Когда мы вернулись из сеней с чисто вымытыми руками, на доске посередине стола стояла сковорода с недовольно скворчащей колбасой и лежал большой каравай серого ноздрястого хлеба. Я чуть с ума не сошла от восхитительного запаха. Вот это аромат, вот это колбаса! Нет, я все-таки обжора и к годам пятидесяти стану большой и круглой, как бочка.
– Вот эта, потемней, кровянка, а это – просто домашняя, с перчиком и чесноком. Маманя чеснока всегда много кладет, чесночная она душа.
– Полезный потому что. Для сосудов. И вам, мужикам, полезный, вы вообще из одних сосудов….
Василий замер на миг, а потом захохотал:
– Ну, ты, мамань, даешь. Откуда ты знаешь?
– Это ты – даешь! Что я, неграмотная, али телевизора в доме нету? Ваши американцы прямо с ума скособочились от чесноку да еще от свово аспирину.
– Чёй-то они наши, американцы-та?
– А потому что деньги американские любите. А нужно любить рубль. Плохой он али хороший, все равно – люби. Потому что он – свой.

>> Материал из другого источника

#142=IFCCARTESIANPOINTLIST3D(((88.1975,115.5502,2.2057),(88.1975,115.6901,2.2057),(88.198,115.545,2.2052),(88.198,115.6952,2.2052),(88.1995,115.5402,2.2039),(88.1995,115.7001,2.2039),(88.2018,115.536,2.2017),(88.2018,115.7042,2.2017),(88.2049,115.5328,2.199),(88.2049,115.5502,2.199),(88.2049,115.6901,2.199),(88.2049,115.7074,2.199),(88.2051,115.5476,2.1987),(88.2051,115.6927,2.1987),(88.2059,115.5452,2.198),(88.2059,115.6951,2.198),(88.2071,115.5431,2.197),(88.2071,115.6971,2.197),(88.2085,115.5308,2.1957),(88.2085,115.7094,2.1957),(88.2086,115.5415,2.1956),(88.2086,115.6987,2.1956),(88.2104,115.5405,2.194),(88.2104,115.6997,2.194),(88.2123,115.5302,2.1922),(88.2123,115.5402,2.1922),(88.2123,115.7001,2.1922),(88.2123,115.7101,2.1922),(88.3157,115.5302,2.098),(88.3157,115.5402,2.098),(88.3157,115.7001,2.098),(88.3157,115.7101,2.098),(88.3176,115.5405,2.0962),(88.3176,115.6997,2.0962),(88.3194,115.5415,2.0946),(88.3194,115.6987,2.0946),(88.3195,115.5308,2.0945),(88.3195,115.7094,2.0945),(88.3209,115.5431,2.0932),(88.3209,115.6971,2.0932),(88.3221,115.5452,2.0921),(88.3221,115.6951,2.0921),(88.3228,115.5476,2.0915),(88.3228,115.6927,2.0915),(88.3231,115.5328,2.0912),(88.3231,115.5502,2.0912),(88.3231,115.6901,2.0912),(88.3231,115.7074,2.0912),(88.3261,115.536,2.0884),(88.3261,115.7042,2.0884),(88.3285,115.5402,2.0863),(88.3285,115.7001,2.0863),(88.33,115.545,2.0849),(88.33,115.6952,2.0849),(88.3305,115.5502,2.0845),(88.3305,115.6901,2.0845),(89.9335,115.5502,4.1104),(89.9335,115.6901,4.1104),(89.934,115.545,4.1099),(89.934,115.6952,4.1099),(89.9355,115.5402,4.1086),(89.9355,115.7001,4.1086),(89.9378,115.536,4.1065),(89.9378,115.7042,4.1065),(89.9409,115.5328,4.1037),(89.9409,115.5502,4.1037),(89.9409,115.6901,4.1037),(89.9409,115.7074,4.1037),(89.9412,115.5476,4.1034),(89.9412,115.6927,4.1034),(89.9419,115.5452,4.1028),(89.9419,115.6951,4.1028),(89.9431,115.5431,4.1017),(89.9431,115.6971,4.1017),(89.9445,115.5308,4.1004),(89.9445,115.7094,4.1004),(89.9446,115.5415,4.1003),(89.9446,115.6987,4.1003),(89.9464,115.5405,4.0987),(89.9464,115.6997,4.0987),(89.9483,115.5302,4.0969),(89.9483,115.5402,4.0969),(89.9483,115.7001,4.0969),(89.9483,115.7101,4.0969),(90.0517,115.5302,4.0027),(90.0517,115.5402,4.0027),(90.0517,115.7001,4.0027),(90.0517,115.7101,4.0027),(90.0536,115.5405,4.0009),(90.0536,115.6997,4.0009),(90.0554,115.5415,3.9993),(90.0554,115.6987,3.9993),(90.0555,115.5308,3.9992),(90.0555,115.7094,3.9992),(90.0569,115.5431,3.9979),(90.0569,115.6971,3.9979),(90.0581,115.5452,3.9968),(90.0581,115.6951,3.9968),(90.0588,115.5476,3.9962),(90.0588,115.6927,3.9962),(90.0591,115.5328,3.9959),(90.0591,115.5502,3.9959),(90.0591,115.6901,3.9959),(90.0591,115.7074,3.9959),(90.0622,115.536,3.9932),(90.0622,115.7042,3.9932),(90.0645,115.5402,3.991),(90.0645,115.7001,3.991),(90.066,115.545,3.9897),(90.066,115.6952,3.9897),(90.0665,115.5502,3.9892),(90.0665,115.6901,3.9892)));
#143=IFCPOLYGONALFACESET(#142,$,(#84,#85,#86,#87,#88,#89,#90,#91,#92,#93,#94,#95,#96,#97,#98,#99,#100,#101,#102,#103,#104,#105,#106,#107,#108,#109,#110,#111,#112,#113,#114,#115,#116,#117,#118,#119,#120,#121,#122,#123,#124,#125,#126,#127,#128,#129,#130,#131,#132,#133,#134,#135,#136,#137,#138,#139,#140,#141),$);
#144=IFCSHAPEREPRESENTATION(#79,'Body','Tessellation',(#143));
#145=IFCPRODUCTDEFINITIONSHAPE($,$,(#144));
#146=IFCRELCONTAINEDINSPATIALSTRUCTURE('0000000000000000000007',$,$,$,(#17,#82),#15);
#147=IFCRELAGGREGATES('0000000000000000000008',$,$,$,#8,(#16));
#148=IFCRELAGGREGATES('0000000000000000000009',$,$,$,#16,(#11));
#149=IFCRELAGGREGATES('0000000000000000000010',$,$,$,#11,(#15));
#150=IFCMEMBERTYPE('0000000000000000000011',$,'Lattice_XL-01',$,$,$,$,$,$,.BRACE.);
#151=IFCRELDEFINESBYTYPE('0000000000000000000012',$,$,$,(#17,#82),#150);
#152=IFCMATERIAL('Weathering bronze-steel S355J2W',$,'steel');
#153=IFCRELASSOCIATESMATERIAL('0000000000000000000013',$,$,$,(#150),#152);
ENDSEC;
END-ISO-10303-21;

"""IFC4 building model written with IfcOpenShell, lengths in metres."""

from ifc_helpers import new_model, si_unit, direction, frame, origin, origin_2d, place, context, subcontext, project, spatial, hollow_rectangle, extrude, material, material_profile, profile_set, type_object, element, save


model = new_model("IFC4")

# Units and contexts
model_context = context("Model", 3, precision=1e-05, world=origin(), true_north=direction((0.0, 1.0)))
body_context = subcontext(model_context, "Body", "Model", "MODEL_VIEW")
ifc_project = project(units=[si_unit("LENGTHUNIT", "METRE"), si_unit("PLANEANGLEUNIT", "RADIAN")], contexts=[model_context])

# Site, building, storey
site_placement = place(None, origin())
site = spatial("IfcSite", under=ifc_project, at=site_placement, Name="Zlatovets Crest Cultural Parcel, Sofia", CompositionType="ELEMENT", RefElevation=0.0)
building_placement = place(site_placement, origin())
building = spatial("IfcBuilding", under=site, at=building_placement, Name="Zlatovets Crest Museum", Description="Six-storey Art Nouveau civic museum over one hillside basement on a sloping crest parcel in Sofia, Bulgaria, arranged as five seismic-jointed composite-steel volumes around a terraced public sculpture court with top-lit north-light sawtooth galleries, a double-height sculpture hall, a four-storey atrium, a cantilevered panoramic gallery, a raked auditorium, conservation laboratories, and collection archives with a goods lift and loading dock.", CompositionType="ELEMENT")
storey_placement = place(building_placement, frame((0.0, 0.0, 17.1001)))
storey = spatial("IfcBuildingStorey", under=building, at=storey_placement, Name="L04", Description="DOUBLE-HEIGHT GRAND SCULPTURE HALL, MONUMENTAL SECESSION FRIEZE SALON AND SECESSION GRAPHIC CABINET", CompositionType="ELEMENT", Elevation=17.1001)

Это как на войне. Не с плохими людьми воевали, а с врагами.
– Так деньги – не враги, че с ними воевать?
– Первый номер они враги, вот как! Застят они вам белый свет.
– Ну, мамань, я лучше домой пойду, опять ты про деньги, пропади они.
– Вот пусть и пропадут. А то нашли икону. Все вам мало, все вы за столицей тянетесь. А не сдается вам, что беда от них, да от ваших желаниев, которые меры не знают. Скромность в желаниях потеряли, и счастье потеряете, коли не осядете к земле-то поближе. А то ишь как надумал, землю пахать не хочешь, в таксисты подался. Денег ему, ишь, мало…
– Мамань, да я таксистом уже двадцать лет работаю, что ты в самом деле! Ну сколько говорено уже было! – привычно отговаривался Василий.
Он наскоро ковырнул один кусок колбасы, потом другой, с досадой отложил вилку и стал надевать свой полушубок.
Но Василиса Андреевна по старой, видимо, привычке, все говорила и говорила о том, что дети зря от земли отошли, что страна начнет умирать с городов, а зарождаться заново от земли, от села, она говорила и говорила и не заметила, что Василий давно уже вышел, тихонько прикрыв за собой тяжелую дверь. Он только на прощанье с улыбкой оглянулся на меня и подмигнул.
– Не слушают мать, – совсем не грустно сказала хозяйка и присела напротив меня. Она отломила кусочек серого хлеба, уже крупно нарезанного и выложенного на затейливую кружевную деревянную тарелку, макнула его аккуратно с краюшку в растопленный смалец и с аппетитом стала жевать. И я успела заметить, что слева зубов-то у нее осталось раз-два и обчелся. Она догадливо покивала головой и сказала:
– Зубы-то мне в сорок четвертом еще выбили. За дело. Не лезь в чужие дела, называется.
– Кто выбил?
– Дак в органах и выбили. За мальчонку, за солдатика, значит. Он поносом сильно страдал, его наши и забыли, когда отступали. Ну, я его выходила, а потом, не знала, че делать-та дальше. Наши-то уже далеко были, ему не догнать. Вот и прятала то в закутке, то в сараюшке на отшибе, то на чердаке, где подле трубы-то тепло. Совсем хворый был, застуженный сильно, да и поносом страдал, родимый. Лечил тут его один, на ноги поставил, – она немного замялась, а потом коротко закончила. – Он потом в лес подался, партизан все искал. Вернулся совсем плохой, шибко ноги тряслись. Ослаб он. Ну, тут наши подоспели. А когда органы-то пришли, били его сильно. А я возьми и заступись. Ну и мне досталось. А солдатик тот умер. Сиротой жил, сиротой и помер.
– Сильно били? – настойчиво допытывалась я. Моя вилка забыто лежала на тарелке. Познавательный аппетит у меня был всегда на первом месте.
Василиса Андреевна только вздохнула.